- Born: May 8, 1973 Gardabani, Georgian SSR, Soviet Union
- Died: July 14, 2020 (aged 47) Tovuz District, Azerbaijan
- Buried: Baku
- Allegiance: Azerbaijani Armed Forces (1995–2020)
- Branch: Azerbaijani Land Forces (1995–2020)
- Service years: 1995–2020
- Rank: Colonel
- Commands: 3rd Army Corps (chief of artillery)
- Conflicts: 2016 Nagorno-Karabakh conflict; July 2020 Armenian–Azerbaijani clashes; ;
- Education: Azerbaijan Higher Military Academy; War College of the Azerbaijani Armed Forces; ;

= Ilgar Mirzayev =

Azerbaijani military officer (1973–2020)

Ilgar Anzor oghlu Mirzayev (İlqar Anzor oğlu Mirzəyev; 8 May 1973 – 2020) was an Azerbaijani military officer, National Hero of Azerbaijan, and colonel serving in the Azerbaijani Armed Forces until his death during the July 2020 Armenian–Azerbaijani clashes. He also had participated in the April 2016 clashes.

== Early years ==
Ilgar Anzor oglu Mirzayev was born on 8 May 1973, in Gardabani, Georgian SSR, then the Soviet Union. He entered the secondary school of Gardabani in 1980 and graduated in 1990. Mirzayev was admitted to the Azerbaijan Higher Military Academy in 1991 and graduated in 1995.

== Military service ==
In 1995, Ilgar Mirzayev began his service with the rank of lieutenant. From 2003 to 2005, he improved his education at the War College of the Azerbaijani Armed Forces. Mirzayev had served in Baku, Ganja, Nakhchivan, Beylagan, Goranboy, and Shamkir in different years. He served on the frontline during the April 2016 clashes. On 23 February 2019, he was appointed Chief of Artillery of the 3rd Army Corps.

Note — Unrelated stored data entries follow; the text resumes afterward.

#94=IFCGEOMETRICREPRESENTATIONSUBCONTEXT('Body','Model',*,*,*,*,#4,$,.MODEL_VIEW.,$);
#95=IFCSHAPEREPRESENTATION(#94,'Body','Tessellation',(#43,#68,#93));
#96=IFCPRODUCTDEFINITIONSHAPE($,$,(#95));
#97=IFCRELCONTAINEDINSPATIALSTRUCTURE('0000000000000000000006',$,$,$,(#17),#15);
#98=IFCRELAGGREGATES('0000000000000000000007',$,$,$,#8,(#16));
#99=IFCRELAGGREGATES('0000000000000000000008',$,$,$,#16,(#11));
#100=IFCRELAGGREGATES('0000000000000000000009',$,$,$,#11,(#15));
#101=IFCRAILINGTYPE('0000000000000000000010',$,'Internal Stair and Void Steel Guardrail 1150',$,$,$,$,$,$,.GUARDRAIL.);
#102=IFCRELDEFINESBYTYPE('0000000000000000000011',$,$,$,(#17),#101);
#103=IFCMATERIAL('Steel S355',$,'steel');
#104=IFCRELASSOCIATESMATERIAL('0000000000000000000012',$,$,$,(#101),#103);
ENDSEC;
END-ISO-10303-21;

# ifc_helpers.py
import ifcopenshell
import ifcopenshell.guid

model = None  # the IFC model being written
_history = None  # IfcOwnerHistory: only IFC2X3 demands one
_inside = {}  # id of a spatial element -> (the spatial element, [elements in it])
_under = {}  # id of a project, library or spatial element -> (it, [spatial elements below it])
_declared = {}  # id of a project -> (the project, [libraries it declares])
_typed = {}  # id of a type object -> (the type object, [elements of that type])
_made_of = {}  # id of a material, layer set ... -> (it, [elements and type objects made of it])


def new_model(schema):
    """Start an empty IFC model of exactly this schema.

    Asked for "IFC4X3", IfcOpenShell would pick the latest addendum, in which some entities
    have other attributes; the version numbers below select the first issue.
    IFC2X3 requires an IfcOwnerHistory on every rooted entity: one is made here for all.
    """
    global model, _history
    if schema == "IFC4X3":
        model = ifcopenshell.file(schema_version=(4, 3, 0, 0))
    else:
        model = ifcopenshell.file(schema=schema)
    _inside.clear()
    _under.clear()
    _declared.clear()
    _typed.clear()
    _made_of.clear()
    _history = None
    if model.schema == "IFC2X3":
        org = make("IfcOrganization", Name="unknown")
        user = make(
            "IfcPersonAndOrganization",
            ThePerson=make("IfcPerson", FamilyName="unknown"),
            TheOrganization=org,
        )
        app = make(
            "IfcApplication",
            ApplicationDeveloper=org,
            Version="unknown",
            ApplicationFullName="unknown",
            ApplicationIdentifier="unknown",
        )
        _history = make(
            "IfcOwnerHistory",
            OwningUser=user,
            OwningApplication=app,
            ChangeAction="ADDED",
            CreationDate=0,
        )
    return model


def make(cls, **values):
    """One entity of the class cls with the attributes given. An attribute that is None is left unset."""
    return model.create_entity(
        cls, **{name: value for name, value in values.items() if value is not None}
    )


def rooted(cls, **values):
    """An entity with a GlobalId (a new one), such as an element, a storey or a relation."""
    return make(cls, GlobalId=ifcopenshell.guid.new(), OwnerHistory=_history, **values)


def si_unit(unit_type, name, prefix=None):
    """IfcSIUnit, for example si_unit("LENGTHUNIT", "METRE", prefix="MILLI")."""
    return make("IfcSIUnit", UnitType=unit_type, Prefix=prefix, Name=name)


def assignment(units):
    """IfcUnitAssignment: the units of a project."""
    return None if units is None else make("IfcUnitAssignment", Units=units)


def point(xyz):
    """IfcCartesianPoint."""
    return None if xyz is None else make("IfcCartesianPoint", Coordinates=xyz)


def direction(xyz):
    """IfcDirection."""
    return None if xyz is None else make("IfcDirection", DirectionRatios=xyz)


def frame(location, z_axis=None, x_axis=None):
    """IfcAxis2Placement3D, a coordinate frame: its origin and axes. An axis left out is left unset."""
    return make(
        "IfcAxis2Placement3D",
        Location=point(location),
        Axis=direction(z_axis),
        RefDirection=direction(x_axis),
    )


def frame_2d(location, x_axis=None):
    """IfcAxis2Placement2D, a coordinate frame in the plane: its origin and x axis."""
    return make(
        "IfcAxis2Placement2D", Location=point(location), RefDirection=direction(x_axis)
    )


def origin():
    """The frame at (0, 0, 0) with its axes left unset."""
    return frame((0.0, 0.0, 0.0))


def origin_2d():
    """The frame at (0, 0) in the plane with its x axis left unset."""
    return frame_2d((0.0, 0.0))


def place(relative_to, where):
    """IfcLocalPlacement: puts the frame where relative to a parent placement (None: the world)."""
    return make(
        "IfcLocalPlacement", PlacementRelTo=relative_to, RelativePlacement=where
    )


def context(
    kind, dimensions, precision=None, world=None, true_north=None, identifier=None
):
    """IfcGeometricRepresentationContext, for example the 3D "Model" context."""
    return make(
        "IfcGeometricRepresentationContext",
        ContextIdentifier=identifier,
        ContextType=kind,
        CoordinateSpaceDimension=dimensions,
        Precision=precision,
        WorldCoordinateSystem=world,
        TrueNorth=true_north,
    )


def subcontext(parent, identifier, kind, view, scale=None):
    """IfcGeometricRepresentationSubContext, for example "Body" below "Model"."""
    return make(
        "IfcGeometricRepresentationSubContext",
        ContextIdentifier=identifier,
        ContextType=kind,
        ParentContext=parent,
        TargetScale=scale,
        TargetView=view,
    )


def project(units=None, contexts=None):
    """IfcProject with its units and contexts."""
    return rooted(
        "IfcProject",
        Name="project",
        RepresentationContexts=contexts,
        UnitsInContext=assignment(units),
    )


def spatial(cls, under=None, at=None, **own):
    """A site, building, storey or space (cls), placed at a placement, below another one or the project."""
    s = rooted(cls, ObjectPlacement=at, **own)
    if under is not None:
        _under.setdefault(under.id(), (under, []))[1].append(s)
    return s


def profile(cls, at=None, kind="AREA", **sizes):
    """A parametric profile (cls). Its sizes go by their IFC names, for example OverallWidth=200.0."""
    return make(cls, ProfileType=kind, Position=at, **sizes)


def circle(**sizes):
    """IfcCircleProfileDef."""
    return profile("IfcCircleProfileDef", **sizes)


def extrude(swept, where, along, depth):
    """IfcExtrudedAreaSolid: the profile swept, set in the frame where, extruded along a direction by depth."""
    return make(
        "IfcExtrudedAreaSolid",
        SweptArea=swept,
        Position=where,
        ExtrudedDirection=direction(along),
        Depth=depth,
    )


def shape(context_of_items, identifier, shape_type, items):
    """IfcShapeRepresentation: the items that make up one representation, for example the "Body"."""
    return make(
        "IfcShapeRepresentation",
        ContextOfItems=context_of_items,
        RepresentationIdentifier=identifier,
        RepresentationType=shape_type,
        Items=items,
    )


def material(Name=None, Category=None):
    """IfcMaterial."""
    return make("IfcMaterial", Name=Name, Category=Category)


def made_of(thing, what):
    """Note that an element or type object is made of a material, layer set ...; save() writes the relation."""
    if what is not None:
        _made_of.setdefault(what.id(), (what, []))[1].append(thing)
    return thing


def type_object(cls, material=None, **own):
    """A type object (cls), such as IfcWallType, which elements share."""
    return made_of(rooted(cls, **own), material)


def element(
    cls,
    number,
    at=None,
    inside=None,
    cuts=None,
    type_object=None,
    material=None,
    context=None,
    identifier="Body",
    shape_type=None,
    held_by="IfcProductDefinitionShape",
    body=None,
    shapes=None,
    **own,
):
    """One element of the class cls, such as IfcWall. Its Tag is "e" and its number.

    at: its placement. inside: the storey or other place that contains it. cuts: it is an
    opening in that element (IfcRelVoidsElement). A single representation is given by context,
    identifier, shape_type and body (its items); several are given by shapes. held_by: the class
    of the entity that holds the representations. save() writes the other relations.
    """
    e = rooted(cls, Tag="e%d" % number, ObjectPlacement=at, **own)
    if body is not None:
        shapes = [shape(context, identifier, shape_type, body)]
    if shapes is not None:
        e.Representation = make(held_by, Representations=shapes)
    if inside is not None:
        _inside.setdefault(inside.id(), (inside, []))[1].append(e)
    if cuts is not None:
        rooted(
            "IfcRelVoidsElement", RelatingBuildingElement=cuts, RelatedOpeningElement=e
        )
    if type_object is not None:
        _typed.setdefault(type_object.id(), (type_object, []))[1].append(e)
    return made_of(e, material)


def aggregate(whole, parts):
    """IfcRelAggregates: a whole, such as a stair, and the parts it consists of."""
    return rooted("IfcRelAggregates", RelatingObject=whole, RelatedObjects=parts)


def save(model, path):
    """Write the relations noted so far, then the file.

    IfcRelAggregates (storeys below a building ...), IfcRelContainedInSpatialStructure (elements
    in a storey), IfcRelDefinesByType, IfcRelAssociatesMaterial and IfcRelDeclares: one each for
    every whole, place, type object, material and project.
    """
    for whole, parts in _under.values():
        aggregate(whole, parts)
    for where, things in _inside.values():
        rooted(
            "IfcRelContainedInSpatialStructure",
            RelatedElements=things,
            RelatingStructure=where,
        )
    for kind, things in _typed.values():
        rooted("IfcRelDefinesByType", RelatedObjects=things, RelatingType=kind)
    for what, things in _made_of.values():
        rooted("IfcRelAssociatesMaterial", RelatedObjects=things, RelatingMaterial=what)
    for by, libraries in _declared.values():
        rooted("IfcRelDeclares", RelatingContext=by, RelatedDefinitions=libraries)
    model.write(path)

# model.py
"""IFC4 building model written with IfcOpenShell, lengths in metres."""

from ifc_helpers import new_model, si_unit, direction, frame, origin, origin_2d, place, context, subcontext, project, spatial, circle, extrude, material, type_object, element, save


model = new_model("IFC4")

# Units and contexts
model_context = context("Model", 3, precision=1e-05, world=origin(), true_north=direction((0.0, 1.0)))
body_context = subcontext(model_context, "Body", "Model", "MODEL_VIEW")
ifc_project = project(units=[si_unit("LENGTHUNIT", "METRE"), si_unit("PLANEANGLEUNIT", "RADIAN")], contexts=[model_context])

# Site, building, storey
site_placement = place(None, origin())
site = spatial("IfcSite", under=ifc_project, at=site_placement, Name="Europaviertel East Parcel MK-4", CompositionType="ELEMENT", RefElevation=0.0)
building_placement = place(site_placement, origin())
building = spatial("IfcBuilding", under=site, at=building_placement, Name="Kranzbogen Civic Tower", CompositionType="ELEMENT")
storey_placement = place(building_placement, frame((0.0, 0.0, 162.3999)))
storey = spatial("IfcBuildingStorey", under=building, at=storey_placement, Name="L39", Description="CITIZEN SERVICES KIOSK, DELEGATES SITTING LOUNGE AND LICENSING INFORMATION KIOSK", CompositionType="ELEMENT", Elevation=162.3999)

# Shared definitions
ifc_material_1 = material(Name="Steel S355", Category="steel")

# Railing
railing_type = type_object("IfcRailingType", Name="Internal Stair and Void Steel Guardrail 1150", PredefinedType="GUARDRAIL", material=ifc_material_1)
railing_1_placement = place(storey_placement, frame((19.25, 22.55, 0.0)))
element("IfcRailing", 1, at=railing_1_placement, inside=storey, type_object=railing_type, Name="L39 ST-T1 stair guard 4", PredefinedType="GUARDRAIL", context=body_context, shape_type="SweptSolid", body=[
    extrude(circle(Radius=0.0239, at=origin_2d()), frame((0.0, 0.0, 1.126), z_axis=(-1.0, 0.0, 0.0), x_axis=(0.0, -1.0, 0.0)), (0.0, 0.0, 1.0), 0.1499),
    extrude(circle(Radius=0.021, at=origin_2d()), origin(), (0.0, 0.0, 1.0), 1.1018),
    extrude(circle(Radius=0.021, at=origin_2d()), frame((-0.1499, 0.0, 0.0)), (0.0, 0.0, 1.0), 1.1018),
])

Mirzayev took part in the clashes on the Armenian–Azerbaijani border in July 2020. He was killed on 14 July 2020, in the territory of Tovuz District. Mirzayev was buried on July 15 in the Second Alley of Honor in Baku, alongside Polad Hashimov. Azerbaijan's minister of defense, Zakir Hasanov, chief of general staff, Najmaddin Sadigov, and, the Mayor of Baku, Eldar Azizov, also attended the funeral.

== Personal life ==
Ilgar Mirzayev was married. He had 1 son and 1 daughter. President of Azerbaijan, Ilham Aliyev, gave an apartment to Mirzayev's family on 17 July.

== Awards ==
- Mirzayev was awarded the 2nd and 3rd-degree For service to the Fatherland Orders in 2016.
- Mirzayev was awarded the Azerbaijani Army 100th anniversary medal in 2018.
- Mirzayev was promoted to the rank of colonel in 2018.
- Mirzayev was awarded the title of National Hero of Azerbaijan on 9 December 2020.